What part of Ok you in? I have some friends up that way that would probably taken them at the least by the dozen and pay you a fair and reasonable price for them.


----------



## Angharad (Jun 5, 2005)

Clean them real well. Line them with heavy duty plastic to be sure. Bury them in the back yard and store root crops in them.

I'm planning to do that this winter.


A


----------



## smokie (May 26, 2005)

i burn em out and make **** dens, burn barrels, feed and water troughs, floating docks, bbq grills, bins for storing feed, live traps. just a few things i use em for.


----------



## GrannyG (Mar 26, 2005)

The metal ones make great burn and trash barrels. We use the big plastic ones for nests for our geese, fill with hay and they love them.


----------



## lacyj (May 14, 2002)

Hi LCB,
Haven't seen you around for awhile. 
You been behavin' or what??????
Nice to know you're still out there...


----------



## countrygrrrl (Aug 4, 2003)

What to do with them? Give me about ten of them.


----------



## MaryNY (Oct 25, 2004)

If they've had paint in them, and you prefer NOT to use them for feeding animals or growing crops, you can paint them black, fill them with water, and cap the spout, and line them up inside some type of "greenhouse" contraption you figure out for yourself -- about two deep down both long sides with space to walk in the middle -- or, if it's big enough -- line up three sets of rows with two barrels wide the full length of the place -- put some plywood and/or 2x4s on top of the barrels and put your flats of plants on top of them -- and start plants early - grow stuff all winter -- whatever your gardening zone allows. I've seen this done with an old greenhouse/milking parlor attached to a barn that had all the glass missing. A double layer of heavy clear plastic was put over the whole thing and the barrels of water lined up inside. That place got so warm there had to be a schedule of folks to go there and open doors, etc. to keep the temp down -- and that was in March and April here in NY -- not known for being hot at all!! And the plants loved it and just flew out of the pots -- a little liquid seaweed fertilizer helped, too!!

MaryNY


----------



## auntieemu (Jun 11, 2005)

Do you have a local high school that does bbq chicken for fundraisers or anything like that?
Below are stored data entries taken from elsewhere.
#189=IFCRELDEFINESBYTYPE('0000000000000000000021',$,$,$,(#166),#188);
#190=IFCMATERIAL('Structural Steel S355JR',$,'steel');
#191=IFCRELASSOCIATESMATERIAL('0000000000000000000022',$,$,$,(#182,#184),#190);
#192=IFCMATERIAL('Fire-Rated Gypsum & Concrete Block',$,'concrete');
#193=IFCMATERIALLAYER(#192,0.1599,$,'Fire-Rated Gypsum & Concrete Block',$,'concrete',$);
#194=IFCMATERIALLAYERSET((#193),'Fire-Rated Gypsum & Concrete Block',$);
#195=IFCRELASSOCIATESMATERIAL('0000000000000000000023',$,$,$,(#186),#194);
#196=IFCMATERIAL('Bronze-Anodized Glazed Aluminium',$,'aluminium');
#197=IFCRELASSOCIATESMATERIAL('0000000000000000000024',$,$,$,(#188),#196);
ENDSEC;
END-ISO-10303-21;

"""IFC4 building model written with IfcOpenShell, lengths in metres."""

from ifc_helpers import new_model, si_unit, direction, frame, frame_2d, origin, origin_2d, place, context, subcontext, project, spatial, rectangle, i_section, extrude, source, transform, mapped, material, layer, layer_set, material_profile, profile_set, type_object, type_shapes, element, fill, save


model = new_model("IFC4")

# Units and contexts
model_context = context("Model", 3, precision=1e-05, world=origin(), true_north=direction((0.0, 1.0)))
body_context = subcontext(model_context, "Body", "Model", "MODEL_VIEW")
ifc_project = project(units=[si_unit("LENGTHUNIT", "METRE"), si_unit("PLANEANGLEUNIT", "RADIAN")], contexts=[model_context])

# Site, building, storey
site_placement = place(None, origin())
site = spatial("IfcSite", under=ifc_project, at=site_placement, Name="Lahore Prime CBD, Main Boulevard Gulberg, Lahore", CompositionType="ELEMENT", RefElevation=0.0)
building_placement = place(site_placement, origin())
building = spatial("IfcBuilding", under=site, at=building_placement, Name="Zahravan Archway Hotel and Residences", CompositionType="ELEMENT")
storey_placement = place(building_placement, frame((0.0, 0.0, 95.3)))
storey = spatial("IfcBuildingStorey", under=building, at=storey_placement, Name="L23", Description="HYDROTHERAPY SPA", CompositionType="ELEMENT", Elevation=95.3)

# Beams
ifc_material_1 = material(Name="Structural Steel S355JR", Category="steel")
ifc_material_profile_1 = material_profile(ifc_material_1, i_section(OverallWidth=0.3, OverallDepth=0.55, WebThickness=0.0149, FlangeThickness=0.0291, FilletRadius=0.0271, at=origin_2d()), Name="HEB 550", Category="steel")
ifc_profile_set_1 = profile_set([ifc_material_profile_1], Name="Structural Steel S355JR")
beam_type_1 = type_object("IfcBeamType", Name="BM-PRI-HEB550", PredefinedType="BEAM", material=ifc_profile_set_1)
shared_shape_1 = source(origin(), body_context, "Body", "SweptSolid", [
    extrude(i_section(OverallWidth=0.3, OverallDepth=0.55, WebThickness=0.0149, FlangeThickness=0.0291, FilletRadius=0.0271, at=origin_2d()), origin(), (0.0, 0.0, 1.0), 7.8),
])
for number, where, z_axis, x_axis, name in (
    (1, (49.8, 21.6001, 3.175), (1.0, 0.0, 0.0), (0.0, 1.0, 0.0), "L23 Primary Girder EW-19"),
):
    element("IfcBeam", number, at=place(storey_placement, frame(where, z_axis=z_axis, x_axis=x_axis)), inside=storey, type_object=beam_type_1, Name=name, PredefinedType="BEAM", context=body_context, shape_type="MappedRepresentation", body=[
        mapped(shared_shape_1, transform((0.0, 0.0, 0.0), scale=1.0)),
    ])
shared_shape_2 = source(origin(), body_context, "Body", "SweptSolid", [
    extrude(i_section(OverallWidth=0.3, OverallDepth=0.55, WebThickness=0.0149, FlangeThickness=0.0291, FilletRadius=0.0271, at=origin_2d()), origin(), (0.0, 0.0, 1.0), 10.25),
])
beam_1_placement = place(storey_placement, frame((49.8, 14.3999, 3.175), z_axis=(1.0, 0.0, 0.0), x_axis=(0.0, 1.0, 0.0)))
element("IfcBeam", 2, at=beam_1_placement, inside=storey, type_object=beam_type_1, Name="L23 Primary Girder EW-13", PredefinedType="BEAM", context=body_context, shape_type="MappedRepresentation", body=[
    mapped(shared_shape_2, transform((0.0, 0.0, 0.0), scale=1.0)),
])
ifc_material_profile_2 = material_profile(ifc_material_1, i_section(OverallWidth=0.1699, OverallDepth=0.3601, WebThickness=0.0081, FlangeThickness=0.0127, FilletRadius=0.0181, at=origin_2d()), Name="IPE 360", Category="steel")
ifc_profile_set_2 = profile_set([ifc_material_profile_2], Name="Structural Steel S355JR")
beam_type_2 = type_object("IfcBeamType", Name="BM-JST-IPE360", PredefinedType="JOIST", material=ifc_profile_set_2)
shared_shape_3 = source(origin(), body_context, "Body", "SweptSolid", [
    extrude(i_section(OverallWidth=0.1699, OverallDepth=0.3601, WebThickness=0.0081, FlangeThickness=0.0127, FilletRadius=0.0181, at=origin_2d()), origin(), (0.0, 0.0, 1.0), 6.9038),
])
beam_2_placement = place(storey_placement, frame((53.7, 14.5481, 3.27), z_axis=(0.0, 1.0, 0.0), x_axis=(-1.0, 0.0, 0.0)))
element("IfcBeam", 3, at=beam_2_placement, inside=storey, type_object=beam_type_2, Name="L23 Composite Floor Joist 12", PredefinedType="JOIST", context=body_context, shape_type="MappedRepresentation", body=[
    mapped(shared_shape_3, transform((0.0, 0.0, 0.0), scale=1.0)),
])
Someone is bound to know someone that welds and can do some creative work with a couple or three of these - my DH helped build a huge BBQ on wheels to be pulled by a pickup - they cut the ends off one, one end off two and welded them all together so the fire would spread throughout the 3 drum length - but did three doors. They cook chicken, hams, etc. for community events.


----------



## bgak47 (Sep 4, 2003)

How will you clean them?


----------



## Old Jack (May 21, 2004)

bgak47 said:


> How will you clean them?


could you burn them out?


----------



## MTNwomanAR (Jul 23, 2002)

Sorry LCB...I can beat ya!!  Where I work, we can get food grade plastic or metal barrels for a buck apiece.......... I have half a dozen of each....so far...am planning on getting more............


----------



## Thumbbuddy (Oct 13, 2004)

Question for Smokie?? You mentioned making traps, do you have plans to post or send on so we can see how they are made?


----------



## TBONE65 (Nov 6, 2020)

LiberalCountryBoy said:


> I have access to dozens of 50/55 gallon steel drums. Free for the taking from the company my wife works for.They previously had paint in them.
> They just stack them out back and let employees take them for whatever they want. What a resource, but what to do with them?
> I know I can use four of them and bury them under the gutters for a rainwater cache for the garden, but what else?


----------



## TBONE65 (Nov 6, 2020)

LiberalCountryBoy said:


> I have access to dozens of 50/55 gallon steel drums. Free for the taking from the company my wife works for.They previously had paint in them.
> They just stack them out back and let employees take them for whatever they want. What a resource, but what to do with them?
> I know I can use four of them and bury them under the gutters for a rainwater cache for the garden, but what else?


WHERE ARE YOU LOCATED "LCB"


----------



## po boy (Jul 12, 2010)

Welcome to the forum tbone. This is from 15 years ago and LCB is not on the forum, i think.


----------



## Wolf mom (Mar 8, 2005)

Amazon.com: Barrel Stove Kit : Home & Kitchen


Amazon.com: Barrel Stove Kit : Home & Kitchen



www.amazon.com





I did this - made a great stove.

drill a few holes in one and use it as a burn barrel.


----------